Austin is growing like a weed and doing new things all the time. It really is amazing!  He's 22 pounds and 31 inches long. Yes, you read that correctly...31 inches long!! Like most toddlers, he does things when HE wants to do them. And you cannot convince him to do something if he’s made up his mind that he’s not in the mood. As you can imagine, this makes our therapy sessions quite interesting. I’ve come to the conclusion that our therapists are saints and have the patience of Job. I’m not delirious, I know my son can be a little stinker. I find myself getting embarrassed when he gives his therapists the “stink eye” for making him work so hard when he has no interest in doing so. He’ll just fall back and lie on his Physical Therapist’s lap in the middle of therapy. Or he’ll turn around and give her that sad, pathetic look that always works for Mommy and Daddy. Luckily, she stands her ground, but I know it’s difficult because he’s so CUTE!

According to the calendar, it’s technically still ‘Spring‘. The temperature outside has already spiked to the TRIPLE digits. How do we cool off when it’s hot? We go swimming! Austin LOVES to swim. He’s truly a little fish. For reasons unknown, he likes to dunk his head in the water. He’s so silly.

We attended our first minor league baseball game last weekend thanks to Las Colinas Vision Center. This is the same place that sponsored Austin in the Buddy Walk last year. We are so grateful for Austin’s Aunt Amy and all the wonderful people associated with LCVC! The game started at 7, but it was still incredibly hot outside. Austin wasn’t really bothered though. He just wanted to get down and GO GO GO…I was skeptical about letting him crawl on the cement, but figured if it hurt him…he would stop. He’s long past the point of wanting to be held. He’s always looking to escape our arms. He had fun exploring the cement and attempted to eat a few rocks, but we paid close attention and no rocks were digested, thank God! Austin is definitely ALL BOY!

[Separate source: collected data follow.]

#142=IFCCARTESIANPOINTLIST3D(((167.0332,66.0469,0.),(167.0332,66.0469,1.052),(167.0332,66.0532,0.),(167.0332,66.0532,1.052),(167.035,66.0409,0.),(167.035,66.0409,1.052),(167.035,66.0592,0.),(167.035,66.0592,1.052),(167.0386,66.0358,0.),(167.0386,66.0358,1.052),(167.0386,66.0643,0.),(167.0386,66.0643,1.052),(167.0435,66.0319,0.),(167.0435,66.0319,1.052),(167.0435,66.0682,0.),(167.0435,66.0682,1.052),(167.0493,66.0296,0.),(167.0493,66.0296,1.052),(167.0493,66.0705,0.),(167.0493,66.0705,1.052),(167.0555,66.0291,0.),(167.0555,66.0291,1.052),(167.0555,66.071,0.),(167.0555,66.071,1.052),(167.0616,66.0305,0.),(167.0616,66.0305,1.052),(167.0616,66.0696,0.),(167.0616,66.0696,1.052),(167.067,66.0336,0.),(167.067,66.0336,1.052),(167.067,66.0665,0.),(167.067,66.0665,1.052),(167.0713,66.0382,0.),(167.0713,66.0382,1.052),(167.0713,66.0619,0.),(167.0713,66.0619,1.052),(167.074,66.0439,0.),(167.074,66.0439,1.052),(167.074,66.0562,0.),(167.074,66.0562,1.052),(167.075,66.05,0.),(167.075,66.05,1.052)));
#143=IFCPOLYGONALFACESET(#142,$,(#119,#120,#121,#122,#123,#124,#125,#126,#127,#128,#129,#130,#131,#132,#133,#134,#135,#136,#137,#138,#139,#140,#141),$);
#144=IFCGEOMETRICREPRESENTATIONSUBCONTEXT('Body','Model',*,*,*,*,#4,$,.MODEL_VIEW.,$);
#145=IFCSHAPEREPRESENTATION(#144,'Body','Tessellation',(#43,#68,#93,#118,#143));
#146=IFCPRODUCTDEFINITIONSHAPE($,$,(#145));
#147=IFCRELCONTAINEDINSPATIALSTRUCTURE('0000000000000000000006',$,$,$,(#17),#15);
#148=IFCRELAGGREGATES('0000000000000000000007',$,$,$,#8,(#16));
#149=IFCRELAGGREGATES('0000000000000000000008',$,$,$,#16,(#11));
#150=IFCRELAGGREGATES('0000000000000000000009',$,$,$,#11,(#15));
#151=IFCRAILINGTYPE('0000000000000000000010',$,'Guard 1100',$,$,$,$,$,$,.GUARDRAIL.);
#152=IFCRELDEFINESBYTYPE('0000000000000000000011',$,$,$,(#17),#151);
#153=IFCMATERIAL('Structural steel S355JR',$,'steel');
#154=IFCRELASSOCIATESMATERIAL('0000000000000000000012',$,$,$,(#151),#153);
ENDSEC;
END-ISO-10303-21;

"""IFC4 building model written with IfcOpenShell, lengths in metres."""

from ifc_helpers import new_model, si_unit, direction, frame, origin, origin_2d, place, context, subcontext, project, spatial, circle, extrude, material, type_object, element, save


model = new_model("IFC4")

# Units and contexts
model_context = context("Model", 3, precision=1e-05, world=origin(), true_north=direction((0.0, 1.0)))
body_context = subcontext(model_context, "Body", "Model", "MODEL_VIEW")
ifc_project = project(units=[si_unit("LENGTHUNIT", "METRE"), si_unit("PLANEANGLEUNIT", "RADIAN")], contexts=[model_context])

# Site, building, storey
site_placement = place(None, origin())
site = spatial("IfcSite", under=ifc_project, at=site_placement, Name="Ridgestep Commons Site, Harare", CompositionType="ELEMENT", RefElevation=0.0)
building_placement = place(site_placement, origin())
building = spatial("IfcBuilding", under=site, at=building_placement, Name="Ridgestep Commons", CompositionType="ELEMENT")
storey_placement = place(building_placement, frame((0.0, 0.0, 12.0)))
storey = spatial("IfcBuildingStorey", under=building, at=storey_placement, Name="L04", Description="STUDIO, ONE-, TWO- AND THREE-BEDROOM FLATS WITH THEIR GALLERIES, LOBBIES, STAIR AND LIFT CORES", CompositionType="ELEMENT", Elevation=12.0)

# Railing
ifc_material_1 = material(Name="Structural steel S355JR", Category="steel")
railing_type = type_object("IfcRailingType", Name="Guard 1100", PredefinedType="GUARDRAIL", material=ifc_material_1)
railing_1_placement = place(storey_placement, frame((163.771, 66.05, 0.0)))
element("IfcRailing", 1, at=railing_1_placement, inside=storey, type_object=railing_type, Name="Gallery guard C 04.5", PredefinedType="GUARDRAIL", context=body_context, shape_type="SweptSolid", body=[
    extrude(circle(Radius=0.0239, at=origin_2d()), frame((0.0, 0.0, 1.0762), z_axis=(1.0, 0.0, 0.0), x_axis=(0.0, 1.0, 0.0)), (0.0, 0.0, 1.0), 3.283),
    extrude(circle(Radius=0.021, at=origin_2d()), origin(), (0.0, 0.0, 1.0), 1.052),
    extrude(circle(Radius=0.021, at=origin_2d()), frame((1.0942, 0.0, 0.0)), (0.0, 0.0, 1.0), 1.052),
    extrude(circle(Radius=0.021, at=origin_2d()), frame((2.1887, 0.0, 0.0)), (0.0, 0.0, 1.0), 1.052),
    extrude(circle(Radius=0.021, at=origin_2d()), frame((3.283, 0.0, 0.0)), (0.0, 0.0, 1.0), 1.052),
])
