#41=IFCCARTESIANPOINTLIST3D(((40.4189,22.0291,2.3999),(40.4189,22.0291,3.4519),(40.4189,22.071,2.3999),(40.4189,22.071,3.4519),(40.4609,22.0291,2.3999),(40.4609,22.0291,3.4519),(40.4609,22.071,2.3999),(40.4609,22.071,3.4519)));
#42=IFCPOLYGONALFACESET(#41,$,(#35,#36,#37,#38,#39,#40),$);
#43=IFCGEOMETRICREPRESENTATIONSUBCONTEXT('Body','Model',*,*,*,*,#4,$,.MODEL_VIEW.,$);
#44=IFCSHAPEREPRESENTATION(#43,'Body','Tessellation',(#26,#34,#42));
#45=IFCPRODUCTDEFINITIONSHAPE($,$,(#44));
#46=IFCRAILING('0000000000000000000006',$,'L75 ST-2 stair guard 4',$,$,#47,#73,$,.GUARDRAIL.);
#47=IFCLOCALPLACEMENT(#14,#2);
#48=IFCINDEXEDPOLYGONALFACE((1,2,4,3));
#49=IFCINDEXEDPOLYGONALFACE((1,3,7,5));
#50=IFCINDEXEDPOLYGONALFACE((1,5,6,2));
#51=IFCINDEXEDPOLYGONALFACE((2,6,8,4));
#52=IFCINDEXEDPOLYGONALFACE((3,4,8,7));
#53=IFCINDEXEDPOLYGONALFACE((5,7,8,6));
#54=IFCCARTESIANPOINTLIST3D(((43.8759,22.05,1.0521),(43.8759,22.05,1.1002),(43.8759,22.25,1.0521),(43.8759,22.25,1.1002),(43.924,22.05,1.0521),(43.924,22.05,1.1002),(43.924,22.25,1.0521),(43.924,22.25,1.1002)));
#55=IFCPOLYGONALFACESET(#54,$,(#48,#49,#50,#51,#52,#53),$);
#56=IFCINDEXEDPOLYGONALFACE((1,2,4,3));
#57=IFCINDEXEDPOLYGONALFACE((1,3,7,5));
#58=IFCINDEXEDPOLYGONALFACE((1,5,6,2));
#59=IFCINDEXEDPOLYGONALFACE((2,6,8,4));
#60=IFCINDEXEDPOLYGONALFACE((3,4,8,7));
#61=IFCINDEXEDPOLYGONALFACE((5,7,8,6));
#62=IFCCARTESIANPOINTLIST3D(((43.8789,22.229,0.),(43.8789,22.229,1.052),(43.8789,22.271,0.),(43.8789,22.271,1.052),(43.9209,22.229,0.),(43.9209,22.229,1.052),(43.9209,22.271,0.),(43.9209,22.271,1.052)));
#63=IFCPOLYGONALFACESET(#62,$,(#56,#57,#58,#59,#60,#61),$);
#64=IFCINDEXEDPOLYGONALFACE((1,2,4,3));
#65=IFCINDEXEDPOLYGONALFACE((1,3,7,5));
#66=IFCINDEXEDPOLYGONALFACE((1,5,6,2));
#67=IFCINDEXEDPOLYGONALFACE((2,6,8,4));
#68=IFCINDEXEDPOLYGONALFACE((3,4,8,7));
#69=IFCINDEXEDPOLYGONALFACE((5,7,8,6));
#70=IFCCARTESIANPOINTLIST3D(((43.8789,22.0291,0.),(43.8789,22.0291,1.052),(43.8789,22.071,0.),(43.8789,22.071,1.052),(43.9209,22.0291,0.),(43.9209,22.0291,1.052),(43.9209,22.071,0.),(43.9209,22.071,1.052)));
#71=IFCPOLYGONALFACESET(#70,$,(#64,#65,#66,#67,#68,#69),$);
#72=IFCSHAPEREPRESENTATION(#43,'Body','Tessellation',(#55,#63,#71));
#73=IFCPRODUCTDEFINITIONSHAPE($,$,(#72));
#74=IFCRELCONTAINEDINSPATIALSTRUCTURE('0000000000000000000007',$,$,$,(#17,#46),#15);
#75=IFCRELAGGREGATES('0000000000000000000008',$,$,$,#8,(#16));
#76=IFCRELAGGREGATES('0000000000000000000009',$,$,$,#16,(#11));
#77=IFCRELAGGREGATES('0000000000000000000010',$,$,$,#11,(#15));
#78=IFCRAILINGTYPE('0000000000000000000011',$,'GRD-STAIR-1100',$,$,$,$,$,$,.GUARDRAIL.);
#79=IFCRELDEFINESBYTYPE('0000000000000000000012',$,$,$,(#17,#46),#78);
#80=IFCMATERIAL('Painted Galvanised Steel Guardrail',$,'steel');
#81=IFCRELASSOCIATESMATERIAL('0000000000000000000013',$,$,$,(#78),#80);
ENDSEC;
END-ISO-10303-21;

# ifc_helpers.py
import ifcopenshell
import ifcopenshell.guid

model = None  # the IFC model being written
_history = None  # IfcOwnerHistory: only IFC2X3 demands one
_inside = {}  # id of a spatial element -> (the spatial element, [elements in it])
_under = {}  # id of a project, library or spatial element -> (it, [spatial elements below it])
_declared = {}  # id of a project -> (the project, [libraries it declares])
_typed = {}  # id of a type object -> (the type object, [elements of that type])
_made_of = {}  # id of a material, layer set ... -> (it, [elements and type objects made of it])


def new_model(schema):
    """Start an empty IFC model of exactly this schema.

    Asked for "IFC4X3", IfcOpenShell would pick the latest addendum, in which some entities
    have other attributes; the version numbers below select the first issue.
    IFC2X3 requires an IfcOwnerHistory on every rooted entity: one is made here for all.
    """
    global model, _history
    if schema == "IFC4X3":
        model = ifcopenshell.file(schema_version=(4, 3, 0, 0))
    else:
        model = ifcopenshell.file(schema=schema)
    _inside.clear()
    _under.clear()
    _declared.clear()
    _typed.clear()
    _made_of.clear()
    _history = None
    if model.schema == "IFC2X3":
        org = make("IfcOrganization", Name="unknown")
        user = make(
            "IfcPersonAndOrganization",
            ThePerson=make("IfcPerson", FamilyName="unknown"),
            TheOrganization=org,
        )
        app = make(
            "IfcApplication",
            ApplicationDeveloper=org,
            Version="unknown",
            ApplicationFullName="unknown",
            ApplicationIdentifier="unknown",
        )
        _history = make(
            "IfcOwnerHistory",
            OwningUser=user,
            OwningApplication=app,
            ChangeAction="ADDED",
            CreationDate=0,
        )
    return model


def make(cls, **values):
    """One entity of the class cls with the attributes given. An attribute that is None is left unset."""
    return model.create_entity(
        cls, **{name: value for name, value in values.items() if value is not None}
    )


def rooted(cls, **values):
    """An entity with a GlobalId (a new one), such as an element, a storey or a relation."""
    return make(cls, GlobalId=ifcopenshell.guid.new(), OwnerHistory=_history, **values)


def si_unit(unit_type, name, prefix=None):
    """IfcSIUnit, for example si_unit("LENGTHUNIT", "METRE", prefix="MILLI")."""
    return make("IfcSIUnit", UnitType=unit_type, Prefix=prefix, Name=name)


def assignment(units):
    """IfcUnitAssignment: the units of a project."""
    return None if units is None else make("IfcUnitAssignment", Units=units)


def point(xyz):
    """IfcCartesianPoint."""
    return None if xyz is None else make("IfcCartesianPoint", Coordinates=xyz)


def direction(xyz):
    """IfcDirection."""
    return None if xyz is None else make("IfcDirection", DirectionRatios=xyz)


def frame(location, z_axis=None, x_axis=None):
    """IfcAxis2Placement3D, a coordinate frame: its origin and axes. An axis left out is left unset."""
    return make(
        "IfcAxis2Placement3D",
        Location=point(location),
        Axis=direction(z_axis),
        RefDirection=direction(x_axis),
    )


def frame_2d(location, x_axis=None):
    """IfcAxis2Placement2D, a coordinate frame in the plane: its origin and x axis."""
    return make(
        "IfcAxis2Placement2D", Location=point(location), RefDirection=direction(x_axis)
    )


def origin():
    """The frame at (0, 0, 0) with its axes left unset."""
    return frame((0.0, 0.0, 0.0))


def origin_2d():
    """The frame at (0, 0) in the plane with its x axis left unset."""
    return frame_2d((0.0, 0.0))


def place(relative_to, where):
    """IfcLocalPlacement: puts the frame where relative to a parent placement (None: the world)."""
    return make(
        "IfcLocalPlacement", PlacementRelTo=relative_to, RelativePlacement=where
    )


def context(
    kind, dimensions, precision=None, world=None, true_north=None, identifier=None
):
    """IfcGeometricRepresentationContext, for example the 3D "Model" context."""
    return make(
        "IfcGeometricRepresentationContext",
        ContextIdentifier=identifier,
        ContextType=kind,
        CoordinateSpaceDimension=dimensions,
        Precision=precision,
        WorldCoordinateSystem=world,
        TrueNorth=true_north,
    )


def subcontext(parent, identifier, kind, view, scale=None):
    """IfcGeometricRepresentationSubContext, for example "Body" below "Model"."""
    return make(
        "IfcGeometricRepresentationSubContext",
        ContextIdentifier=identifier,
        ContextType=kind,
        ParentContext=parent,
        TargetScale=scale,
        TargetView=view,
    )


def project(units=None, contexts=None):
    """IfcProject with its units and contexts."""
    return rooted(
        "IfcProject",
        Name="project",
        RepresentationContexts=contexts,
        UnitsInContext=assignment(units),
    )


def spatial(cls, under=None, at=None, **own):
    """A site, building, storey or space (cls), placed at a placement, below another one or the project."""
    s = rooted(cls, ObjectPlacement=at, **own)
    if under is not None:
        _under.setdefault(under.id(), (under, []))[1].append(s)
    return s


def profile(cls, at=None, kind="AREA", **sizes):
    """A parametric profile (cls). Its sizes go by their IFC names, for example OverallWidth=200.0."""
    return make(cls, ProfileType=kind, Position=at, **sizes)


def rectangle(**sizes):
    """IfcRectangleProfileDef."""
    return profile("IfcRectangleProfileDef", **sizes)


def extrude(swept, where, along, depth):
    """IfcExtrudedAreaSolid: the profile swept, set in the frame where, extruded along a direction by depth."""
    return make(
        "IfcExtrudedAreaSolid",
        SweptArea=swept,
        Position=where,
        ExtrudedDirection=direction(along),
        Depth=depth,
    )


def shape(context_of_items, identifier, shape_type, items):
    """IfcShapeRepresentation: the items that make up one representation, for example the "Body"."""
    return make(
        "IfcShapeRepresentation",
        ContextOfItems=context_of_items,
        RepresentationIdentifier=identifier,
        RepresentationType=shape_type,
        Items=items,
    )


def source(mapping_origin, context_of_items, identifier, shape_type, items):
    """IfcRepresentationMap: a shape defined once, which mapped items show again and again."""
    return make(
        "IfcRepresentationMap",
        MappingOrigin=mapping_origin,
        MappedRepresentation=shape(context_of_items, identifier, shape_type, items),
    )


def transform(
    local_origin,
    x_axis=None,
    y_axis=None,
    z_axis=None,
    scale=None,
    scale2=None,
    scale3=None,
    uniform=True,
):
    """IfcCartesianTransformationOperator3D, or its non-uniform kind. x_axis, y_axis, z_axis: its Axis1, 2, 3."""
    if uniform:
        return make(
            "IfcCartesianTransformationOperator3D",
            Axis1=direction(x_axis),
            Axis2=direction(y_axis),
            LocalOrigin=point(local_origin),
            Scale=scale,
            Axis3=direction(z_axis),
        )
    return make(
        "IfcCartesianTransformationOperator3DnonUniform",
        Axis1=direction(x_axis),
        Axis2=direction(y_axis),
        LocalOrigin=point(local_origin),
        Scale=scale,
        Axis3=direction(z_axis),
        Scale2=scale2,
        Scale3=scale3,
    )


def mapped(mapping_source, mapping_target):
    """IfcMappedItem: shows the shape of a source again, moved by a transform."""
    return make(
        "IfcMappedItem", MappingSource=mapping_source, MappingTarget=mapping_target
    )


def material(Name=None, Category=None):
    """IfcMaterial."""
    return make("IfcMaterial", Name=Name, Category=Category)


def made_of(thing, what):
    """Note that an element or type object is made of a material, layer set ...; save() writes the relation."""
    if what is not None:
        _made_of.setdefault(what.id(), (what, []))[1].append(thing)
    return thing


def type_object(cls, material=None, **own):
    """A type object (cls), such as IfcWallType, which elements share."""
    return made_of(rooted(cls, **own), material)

Our biggest struggle right now is eating. Austin is so finicky. I would give my right arm if he’d just eat a grilled cheese or even a chicken nugget. I have to puree ALL of his food, except Graham Crackers, Cheerios, Gerber Cheetos and Yogurt Bites. Austin excels greatly in gross motor areas and even some fine motor areas. However, our biggest road block is definitely eating/texture. Yes, my almost 16 month old still eats baby food. Even though it’s homemade and much thicker than any jarred type of baby food…it’s still baby food. And this is where I struggle…because it’s something else that makes him “different.” Another challenge. Another delay. Another therapy. I’ll be honest, it makes me sad. I wish something as simple as eating wasn’t such a struggle. Ryan and I do everything but dance on the table to get him to eat. And what we do one time may not work the next. I think this bothers me so much because the progress is not consistent. Some days he’ll eat an entire jar of chopped carrots and Macaroni and Cheese. Other days I can’t get him to even open his mouth for the food. I know he’s capable of eating “real food” because I’ve seen him do it. His Speech Therapist has said the same thing, too. We will keep working hard and persevere. And I will pray for peace!